DCPE is the only option that we know of today that can protect AI data in use without specialty vector database servers or specialty model builders and runners. It just works with existing infrastructure and programs.

Security of DCPE

So what about the security of DCPE? Can it be trusted? It leaks information about what vectors are near what other vectors, but gives no way to figure out what those related vectors mean. DCPE is also weak against chosen-plaintext attacks, which means the attacker is able to associate a large corpus of plaintext with the corresponding ciphertext under a particular key. The attacker can make a model using this information and use it to roughly invert the encrypted data, though only with partial success since the results are much less precise than an attack against the unencrypted vectors. We have more details on that attack elsewhere including in our DefCon 32 talk on vector encryption. Luckily, keys are typically held tightly in KMSes or HSMs and an attacker using a chosen-plaintext attack would need to have some way to be able to use the key in order to build a corpus that would allow them to partially defeat the encryption provided by that key. This is a pretty reasonable trade-off because keys are one of our best protected pieces of data in most infrastructures.

But how bullet proof will it be into the future? The roads of cryptography are littered with algorithms that were once thought to be secure and later found to have a weakness. DES (the original Data Encryption Standard) became a NIST standard in the 70’s, was completely broken in the 90’s, and was finally removed as an acceptable algorithm in 2005. We point this out to show that our knowledge of cryptography – even standards – is a dynamic thing. It is also to show that standards should not be blindly trusted because the slowness to adopt standards also manifests as a slowness to deprecate them (a decade late in this case). DES should have been deprecated the same month it was proven to be broken.

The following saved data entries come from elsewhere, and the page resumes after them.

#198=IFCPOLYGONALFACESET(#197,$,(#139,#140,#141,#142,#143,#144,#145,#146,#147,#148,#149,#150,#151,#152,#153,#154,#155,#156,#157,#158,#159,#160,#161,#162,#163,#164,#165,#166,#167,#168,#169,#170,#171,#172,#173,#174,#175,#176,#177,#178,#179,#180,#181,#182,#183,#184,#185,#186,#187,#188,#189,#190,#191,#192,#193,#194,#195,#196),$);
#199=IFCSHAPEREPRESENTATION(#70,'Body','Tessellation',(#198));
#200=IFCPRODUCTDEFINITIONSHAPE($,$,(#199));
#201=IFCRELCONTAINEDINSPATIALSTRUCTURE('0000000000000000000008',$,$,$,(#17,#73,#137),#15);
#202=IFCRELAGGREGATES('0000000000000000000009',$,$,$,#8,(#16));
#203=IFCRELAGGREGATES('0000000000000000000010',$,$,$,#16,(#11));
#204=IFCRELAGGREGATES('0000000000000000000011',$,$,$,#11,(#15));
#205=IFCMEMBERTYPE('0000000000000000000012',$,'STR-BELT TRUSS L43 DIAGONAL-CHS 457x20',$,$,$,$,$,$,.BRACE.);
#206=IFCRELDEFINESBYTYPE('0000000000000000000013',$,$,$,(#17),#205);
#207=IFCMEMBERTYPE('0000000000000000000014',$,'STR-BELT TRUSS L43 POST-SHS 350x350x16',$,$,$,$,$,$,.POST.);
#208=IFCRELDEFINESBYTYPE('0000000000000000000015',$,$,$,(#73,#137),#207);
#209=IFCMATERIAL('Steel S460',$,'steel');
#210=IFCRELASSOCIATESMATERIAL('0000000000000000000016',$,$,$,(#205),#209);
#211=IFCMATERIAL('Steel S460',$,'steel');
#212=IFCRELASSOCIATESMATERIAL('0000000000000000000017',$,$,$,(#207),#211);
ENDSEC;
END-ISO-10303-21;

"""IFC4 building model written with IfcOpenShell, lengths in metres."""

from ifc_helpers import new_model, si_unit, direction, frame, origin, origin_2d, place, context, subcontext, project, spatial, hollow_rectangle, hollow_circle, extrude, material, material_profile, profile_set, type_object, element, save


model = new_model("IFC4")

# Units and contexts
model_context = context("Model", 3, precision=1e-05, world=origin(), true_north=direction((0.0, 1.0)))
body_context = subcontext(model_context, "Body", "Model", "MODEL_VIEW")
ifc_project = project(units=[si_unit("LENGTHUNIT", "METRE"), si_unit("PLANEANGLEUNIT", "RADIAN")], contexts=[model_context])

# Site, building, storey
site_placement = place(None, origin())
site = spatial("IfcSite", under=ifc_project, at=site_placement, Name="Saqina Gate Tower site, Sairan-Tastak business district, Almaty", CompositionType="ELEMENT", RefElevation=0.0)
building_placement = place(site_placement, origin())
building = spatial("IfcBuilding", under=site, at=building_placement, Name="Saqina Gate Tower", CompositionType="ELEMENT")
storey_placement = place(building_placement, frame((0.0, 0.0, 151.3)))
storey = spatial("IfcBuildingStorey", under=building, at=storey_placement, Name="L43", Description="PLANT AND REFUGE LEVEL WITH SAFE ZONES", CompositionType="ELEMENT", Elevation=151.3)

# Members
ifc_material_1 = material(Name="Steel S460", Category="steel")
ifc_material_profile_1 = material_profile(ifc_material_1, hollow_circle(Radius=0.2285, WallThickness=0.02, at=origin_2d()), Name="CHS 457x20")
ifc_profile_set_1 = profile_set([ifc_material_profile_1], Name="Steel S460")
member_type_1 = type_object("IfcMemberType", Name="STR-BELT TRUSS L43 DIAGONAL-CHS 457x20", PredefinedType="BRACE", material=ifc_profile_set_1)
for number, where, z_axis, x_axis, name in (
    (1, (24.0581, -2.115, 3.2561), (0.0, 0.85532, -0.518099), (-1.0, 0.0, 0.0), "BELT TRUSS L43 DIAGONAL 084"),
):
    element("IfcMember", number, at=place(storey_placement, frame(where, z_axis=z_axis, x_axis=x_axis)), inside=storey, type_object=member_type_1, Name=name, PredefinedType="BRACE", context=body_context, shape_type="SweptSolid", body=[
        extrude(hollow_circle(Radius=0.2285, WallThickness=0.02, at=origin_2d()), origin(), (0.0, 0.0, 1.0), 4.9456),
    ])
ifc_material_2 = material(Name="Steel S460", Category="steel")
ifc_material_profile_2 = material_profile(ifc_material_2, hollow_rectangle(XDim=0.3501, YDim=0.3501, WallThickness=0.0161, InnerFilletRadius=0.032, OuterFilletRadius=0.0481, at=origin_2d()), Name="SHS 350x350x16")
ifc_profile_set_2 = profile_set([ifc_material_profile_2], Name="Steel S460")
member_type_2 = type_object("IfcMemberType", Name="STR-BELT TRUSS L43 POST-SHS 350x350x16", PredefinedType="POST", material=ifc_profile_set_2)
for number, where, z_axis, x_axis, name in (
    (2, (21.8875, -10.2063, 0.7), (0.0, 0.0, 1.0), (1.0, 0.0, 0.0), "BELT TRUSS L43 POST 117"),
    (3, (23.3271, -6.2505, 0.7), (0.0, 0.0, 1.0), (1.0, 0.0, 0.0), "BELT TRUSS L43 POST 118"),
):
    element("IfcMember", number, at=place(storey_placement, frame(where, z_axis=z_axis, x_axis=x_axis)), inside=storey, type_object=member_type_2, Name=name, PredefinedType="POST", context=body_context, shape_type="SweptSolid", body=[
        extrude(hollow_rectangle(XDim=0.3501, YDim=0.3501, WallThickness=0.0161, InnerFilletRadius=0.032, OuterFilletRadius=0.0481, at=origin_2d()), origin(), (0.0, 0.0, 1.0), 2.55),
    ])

We don’t currently know of any other attacks against DCPE (and nor do average hackers), but we do know that DCPE is very effective at preventing attacks on vector embeddings.

Security agility

AI is a fast moving space with rapid adoption across many industries. It is incumbent upon implementers who are working with sensitive data to protect that data using the best technology available. It’s possible that something better than DCPE will come along or that new flaws will be discovered in the coming years. Meanwhile, it provides a ton of privacy and security and is a far better option than leaving data unprotected while waiting for standards to emerge. Today, DCPE is the best available option. No public attacks doesn’t mean there are no possible attacks, but it does mean that most or all hackers who gain access to DCPE-encrypted data today will find it completely useless.

In the end, we believe it is better to protect AI data than to do nothing, understanding that we must be agile in continuously evaluating the landscape of AI threats and protections.